Effects of brass coating and nano-SiO2 coating on steel fiber–matrix interfacial properties of cement-based composite

Abstract

This study focused on the effects of steel fiber coatings on the interfacial properties of a fiber-reinforced cement-based composite. The impact of a brass coating on the interface between the steel fibers and cement matrix was examined, and the improvement effects of a nano-SiO2 coating and nano-SiO2 powder on both the microstructure and interfacial bond properties were compared. A chemical simulation experiment was designed to analyze the brass coating state in a cement hydration environment. The backscattered electron image analysis (BSE-IA) method was used to conduct quantitative analyses of the calcium hydroxide (CH), porosity, and unhydrated cement (UHC) to investigate the microstructure of the fiber–matrix interfacial transition zone (ITZ). Pull-out tests were conducted to determine the interfacial bond performance, and scanning electron microscopy (SEM) and energy dispersive spectroscopy (EDS) were used for micro-observation and element analyses.

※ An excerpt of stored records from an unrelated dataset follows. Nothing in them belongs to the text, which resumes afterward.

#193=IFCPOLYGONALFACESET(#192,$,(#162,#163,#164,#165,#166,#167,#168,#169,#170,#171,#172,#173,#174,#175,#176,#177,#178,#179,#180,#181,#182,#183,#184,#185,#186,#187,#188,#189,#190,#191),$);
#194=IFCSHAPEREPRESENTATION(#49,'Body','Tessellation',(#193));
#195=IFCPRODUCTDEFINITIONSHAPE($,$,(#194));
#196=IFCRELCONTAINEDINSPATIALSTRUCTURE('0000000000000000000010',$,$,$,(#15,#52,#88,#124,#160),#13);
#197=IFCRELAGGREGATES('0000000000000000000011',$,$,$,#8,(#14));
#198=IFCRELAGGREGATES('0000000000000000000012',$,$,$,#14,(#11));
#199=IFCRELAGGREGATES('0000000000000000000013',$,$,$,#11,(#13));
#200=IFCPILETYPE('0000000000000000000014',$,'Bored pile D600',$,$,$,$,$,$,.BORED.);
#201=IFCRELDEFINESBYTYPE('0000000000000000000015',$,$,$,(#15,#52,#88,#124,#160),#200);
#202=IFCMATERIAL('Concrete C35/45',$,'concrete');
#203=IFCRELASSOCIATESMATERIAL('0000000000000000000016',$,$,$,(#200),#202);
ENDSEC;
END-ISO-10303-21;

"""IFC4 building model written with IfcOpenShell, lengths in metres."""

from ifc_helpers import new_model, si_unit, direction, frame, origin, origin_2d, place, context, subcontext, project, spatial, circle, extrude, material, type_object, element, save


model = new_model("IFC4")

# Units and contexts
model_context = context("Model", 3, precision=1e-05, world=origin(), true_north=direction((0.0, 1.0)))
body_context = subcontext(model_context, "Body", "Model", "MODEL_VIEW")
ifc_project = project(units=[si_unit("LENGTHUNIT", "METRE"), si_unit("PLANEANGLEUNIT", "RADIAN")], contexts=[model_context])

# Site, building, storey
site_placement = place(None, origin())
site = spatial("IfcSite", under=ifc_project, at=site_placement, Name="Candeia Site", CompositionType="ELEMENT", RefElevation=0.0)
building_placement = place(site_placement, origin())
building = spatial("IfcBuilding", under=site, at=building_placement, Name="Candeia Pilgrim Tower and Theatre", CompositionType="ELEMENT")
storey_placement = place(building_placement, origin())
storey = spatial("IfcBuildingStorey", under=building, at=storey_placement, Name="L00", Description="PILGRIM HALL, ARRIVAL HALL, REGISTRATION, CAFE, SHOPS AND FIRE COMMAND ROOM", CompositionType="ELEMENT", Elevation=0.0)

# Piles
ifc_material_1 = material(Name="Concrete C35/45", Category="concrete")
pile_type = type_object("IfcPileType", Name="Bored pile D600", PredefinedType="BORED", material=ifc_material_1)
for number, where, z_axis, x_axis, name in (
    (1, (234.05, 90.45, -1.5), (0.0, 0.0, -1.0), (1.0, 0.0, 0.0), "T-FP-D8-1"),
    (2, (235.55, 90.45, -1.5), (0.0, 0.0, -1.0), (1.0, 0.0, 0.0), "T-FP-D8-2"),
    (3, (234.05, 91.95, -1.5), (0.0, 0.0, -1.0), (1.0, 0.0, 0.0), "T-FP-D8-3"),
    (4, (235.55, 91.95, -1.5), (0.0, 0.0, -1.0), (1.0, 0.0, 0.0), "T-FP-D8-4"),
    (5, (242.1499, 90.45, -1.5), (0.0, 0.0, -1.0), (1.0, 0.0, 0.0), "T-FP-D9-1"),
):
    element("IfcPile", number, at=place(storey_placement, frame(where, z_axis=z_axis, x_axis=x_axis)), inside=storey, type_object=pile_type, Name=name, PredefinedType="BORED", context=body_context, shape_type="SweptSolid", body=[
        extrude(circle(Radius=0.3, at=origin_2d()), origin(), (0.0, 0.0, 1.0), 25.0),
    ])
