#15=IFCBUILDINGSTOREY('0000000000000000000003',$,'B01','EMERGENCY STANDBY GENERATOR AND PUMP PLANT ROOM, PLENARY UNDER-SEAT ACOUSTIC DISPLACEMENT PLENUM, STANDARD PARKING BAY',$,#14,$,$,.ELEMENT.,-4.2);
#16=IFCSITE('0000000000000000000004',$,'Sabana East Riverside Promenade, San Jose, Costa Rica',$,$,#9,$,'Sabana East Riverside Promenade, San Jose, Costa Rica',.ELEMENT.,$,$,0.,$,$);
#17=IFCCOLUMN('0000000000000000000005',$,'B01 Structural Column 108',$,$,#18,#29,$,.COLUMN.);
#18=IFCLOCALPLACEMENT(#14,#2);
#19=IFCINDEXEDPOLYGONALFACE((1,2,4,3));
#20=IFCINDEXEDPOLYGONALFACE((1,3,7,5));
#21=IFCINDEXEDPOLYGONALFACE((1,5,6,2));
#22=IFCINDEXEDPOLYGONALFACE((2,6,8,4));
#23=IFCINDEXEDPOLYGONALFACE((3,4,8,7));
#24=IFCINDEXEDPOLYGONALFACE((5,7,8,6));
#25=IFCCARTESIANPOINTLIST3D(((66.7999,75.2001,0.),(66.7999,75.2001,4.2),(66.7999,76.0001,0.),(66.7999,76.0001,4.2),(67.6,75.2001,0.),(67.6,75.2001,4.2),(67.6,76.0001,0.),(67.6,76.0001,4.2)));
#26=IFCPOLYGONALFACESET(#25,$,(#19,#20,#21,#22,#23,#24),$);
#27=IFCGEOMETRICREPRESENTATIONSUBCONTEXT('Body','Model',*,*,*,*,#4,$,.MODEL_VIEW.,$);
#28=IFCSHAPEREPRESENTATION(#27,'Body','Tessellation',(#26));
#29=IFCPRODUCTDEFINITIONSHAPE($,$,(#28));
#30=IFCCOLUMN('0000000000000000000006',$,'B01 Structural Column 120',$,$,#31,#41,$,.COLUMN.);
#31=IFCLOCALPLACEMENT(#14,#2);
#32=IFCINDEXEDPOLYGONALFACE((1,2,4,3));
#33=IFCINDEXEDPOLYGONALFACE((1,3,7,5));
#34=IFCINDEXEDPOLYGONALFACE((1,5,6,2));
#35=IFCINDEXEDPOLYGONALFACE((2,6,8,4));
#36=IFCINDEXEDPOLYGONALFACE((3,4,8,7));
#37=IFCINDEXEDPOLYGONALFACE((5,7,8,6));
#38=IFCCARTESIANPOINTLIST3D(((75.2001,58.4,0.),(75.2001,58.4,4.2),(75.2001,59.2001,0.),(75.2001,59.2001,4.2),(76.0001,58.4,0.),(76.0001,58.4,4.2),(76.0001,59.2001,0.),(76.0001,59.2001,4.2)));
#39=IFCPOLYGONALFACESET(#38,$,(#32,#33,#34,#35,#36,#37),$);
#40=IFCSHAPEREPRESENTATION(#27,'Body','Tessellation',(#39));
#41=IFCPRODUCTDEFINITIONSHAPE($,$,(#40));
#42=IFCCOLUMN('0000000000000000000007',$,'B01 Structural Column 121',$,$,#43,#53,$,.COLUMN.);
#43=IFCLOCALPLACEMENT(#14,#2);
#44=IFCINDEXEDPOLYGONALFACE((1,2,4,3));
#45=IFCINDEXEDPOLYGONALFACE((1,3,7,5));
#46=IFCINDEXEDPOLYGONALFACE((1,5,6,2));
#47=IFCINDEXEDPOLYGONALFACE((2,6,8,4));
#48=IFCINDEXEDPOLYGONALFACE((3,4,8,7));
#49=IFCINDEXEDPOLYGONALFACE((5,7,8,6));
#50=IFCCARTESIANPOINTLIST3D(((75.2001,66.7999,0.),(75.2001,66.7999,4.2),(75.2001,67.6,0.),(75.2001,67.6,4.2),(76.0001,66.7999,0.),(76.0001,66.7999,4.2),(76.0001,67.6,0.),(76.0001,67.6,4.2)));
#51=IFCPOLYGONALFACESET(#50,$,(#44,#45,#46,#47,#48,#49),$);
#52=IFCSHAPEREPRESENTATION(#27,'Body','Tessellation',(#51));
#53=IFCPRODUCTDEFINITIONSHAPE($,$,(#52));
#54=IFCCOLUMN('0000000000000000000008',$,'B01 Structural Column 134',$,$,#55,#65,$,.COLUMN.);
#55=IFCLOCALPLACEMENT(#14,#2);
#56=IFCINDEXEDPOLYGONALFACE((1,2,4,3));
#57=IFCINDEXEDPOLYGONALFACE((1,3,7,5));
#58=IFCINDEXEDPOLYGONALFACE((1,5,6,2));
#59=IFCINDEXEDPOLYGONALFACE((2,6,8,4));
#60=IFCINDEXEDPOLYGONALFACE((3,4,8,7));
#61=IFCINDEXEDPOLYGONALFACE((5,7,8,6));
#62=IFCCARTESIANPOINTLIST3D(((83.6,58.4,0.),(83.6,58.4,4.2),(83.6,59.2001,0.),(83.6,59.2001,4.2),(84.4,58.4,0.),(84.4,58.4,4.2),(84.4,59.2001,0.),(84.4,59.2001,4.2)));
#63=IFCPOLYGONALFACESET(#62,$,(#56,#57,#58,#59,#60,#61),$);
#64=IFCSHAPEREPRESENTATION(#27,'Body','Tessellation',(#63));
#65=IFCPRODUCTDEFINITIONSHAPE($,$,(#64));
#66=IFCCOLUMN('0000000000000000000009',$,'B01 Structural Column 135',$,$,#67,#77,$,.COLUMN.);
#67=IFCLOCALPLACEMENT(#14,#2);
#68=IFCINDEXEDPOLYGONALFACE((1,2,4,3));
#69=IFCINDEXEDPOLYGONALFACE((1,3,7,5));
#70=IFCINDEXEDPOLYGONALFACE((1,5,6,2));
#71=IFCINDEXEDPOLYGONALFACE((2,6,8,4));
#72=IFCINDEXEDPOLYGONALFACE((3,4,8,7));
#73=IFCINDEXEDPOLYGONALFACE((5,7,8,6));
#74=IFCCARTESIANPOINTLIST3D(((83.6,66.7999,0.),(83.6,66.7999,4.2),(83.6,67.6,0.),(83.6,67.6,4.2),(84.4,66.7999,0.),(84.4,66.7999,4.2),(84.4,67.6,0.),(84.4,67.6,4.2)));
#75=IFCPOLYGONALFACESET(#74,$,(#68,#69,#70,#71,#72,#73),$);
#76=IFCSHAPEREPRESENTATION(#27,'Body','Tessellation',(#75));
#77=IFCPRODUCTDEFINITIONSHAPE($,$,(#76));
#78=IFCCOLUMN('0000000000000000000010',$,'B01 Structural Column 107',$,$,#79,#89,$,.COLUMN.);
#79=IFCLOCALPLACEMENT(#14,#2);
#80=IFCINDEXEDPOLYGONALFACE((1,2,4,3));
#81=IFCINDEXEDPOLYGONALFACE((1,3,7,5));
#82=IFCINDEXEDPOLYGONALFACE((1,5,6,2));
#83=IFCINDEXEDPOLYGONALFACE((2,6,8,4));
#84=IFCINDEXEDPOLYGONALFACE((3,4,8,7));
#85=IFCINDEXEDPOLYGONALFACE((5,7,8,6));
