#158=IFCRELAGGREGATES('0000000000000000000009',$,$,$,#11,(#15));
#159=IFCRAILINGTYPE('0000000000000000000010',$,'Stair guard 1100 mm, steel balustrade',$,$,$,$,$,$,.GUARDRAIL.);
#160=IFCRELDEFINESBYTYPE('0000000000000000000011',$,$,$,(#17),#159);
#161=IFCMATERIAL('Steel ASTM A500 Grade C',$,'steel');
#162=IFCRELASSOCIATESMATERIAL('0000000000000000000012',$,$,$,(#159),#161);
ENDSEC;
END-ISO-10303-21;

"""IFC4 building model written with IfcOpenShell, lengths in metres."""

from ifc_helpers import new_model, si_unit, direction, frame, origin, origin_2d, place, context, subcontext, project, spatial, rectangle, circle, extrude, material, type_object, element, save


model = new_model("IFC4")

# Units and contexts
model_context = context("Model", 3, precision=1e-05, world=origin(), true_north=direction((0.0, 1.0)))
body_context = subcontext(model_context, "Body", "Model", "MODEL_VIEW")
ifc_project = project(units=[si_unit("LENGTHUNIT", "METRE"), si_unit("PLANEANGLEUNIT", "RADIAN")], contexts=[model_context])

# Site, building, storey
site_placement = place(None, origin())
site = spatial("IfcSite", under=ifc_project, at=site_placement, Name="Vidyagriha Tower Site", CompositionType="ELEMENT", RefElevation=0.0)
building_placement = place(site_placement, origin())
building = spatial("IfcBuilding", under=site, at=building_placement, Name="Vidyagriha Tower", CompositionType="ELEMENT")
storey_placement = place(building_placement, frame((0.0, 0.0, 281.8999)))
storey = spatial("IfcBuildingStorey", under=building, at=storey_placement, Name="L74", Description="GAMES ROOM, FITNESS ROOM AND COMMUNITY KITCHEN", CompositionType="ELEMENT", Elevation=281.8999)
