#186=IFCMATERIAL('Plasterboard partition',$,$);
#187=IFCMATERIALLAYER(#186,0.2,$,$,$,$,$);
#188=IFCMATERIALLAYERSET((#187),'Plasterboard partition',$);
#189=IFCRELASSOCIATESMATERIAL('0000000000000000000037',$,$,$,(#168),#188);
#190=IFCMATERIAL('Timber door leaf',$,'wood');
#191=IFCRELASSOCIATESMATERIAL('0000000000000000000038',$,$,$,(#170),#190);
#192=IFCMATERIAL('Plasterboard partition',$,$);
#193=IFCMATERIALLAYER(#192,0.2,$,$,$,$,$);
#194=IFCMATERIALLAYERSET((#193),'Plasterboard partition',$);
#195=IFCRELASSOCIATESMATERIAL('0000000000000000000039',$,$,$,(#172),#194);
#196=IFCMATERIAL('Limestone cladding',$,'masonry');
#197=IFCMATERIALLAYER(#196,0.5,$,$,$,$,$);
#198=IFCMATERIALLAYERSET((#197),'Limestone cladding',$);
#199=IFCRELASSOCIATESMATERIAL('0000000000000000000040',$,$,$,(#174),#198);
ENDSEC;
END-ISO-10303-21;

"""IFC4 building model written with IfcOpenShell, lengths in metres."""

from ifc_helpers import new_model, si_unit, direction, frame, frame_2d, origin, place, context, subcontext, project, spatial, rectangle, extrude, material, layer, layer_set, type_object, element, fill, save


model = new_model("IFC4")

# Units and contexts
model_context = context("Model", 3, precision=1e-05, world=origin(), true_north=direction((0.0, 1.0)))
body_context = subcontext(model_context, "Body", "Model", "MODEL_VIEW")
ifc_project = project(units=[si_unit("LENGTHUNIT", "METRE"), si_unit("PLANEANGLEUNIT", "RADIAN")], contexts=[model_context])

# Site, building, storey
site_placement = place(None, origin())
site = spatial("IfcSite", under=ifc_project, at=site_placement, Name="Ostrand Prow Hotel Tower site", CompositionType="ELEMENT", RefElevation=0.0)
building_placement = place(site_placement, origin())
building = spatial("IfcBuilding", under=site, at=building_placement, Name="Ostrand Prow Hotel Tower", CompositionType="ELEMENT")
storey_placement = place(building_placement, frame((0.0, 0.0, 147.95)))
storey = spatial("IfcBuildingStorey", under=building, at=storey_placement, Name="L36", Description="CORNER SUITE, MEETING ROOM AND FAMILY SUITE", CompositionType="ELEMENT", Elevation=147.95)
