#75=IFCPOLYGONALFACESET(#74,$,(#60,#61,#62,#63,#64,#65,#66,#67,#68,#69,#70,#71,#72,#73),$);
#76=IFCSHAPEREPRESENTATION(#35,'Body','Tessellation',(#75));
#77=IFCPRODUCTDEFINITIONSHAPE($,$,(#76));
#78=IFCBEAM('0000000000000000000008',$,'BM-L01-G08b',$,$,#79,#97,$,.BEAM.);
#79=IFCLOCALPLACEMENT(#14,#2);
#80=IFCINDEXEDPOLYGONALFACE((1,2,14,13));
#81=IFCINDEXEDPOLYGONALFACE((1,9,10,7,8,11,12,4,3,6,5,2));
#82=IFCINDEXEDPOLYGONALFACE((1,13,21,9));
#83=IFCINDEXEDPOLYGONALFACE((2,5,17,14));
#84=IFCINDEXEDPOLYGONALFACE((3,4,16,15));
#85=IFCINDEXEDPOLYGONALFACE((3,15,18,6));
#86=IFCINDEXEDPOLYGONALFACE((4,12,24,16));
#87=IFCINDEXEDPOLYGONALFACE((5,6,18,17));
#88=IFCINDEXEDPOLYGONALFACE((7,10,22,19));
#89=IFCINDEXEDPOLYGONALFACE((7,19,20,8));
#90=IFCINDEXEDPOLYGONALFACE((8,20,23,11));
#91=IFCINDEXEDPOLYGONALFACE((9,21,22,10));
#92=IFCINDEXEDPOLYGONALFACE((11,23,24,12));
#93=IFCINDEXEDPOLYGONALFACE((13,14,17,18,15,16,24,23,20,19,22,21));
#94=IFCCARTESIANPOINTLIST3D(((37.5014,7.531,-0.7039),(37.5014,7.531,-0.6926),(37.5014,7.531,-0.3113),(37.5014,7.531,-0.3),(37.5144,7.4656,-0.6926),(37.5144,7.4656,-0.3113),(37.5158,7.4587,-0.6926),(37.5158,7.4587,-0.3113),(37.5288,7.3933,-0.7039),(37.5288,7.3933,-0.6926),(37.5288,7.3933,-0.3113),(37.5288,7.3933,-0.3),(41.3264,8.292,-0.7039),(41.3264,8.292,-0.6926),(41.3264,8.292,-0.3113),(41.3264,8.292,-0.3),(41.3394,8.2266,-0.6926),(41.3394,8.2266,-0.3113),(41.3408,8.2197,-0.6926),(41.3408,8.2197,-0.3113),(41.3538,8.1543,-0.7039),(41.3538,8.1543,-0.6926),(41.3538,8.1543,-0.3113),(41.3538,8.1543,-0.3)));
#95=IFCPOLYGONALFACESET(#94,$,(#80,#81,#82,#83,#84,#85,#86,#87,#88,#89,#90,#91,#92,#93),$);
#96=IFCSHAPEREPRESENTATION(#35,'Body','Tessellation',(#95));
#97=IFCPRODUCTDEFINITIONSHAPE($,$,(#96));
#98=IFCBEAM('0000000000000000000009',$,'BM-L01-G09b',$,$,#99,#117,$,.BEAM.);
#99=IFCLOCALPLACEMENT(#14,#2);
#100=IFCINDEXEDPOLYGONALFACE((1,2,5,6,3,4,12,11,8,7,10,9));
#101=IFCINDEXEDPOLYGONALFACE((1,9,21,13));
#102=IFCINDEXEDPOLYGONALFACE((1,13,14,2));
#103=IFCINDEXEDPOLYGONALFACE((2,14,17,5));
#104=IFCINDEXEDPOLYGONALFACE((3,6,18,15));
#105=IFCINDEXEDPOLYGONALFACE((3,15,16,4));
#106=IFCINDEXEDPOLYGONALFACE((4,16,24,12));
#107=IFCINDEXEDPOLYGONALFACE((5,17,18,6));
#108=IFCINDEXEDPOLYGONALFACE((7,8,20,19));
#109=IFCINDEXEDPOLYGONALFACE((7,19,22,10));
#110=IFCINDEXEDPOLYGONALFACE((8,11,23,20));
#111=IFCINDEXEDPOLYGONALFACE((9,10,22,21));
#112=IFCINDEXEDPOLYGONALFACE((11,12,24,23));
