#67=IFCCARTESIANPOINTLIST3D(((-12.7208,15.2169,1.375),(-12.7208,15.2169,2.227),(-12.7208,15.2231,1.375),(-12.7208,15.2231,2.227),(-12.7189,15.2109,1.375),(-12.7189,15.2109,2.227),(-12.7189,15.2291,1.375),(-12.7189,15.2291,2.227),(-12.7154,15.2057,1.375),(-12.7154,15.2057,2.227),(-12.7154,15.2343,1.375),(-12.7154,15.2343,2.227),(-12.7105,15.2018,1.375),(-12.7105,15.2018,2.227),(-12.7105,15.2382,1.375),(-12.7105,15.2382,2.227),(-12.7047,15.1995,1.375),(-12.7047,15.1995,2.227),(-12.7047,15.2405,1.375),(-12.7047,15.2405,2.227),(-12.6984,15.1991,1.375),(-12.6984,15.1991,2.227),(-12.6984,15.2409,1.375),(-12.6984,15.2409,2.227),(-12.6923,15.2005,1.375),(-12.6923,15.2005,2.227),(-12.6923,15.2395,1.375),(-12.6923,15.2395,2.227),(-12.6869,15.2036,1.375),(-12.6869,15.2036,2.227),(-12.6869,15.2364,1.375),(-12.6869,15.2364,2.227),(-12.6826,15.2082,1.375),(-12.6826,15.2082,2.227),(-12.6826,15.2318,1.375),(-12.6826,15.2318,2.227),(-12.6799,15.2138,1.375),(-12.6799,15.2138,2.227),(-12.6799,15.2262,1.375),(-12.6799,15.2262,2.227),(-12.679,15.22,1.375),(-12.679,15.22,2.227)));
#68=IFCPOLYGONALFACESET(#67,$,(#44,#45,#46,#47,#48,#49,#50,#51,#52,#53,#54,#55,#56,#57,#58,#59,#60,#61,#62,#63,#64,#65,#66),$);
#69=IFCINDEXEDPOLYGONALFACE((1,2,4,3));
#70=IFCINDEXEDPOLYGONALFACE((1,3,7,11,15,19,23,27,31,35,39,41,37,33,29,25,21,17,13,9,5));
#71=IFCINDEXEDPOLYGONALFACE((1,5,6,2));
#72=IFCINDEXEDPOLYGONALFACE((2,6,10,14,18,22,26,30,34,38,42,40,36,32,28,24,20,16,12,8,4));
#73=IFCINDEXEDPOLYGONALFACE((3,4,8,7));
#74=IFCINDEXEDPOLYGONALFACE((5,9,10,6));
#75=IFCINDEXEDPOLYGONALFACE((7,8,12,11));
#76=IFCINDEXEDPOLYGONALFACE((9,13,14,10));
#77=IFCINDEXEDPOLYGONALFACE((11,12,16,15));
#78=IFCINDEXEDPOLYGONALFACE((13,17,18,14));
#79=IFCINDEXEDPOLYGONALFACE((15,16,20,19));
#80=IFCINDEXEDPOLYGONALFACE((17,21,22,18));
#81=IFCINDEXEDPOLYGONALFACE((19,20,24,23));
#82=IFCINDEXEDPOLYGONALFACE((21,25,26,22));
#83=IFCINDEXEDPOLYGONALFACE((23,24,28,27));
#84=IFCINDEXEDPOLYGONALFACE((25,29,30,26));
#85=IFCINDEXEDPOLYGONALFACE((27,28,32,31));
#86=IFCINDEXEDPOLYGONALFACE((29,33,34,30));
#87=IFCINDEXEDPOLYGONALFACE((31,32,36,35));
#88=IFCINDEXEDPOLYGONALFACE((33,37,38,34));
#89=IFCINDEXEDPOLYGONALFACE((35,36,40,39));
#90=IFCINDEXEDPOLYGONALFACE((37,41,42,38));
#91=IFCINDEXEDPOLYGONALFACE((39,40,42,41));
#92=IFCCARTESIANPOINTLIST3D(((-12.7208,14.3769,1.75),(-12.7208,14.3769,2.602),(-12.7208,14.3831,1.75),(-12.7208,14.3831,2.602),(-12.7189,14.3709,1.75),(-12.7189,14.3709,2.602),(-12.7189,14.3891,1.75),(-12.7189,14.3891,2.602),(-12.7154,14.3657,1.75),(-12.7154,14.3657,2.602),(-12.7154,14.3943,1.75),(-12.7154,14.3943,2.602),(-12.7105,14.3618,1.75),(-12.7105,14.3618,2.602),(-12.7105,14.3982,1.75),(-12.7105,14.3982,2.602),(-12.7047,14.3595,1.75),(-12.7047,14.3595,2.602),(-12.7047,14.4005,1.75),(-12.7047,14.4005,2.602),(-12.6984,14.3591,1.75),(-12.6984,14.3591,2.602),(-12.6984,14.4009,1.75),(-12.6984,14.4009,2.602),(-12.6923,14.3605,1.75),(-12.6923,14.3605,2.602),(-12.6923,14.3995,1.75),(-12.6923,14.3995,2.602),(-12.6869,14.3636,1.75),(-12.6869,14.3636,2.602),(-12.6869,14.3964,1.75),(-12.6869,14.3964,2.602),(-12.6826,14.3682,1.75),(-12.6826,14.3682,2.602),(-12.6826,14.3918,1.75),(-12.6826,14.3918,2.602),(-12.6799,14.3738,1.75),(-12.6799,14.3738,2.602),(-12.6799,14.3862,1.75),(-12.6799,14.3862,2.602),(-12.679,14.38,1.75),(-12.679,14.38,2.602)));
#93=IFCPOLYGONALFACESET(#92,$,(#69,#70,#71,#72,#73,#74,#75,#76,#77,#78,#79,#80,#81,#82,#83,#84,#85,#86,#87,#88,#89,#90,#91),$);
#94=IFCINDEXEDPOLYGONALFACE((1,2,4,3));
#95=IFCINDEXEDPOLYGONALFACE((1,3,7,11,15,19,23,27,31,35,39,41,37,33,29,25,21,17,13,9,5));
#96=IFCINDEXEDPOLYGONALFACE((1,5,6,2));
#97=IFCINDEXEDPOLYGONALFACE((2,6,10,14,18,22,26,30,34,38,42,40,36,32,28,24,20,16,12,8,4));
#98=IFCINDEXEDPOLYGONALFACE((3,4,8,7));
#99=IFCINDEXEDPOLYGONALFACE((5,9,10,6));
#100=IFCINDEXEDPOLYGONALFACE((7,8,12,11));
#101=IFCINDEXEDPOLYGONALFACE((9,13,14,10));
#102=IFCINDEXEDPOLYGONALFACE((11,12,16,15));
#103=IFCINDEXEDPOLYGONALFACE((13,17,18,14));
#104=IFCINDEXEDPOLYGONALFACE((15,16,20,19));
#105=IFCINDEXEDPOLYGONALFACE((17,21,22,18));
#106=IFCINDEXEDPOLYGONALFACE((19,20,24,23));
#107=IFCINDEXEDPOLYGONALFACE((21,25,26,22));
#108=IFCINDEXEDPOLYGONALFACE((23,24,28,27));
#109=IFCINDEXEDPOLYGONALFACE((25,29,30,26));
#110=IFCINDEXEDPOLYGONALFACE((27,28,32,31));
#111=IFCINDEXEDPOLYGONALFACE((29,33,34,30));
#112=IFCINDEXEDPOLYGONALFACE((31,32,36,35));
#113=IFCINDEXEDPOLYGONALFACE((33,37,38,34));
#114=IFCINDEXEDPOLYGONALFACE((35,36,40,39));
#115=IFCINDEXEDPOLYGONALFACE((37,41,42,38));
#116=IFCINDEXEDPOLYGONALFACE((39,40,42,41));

The results indicated that because of the destruction of the coating structure and the aggregation of CH caused by the dezincification of the brass in a cement hydration environment, the brass coating did not improve (but weakened) the interfacial microstructure and bond performance. Adding the nano-SiO2 powder directly was a useful method for achieving microstructure densification and defect reduction in both the ITZ and bulk paste, while the nano-SiO2 coating provided a more targeted improvement in the fiber–matrix ITZ, particularly near the fibers, leading to a more effective enhancement of the bond performance.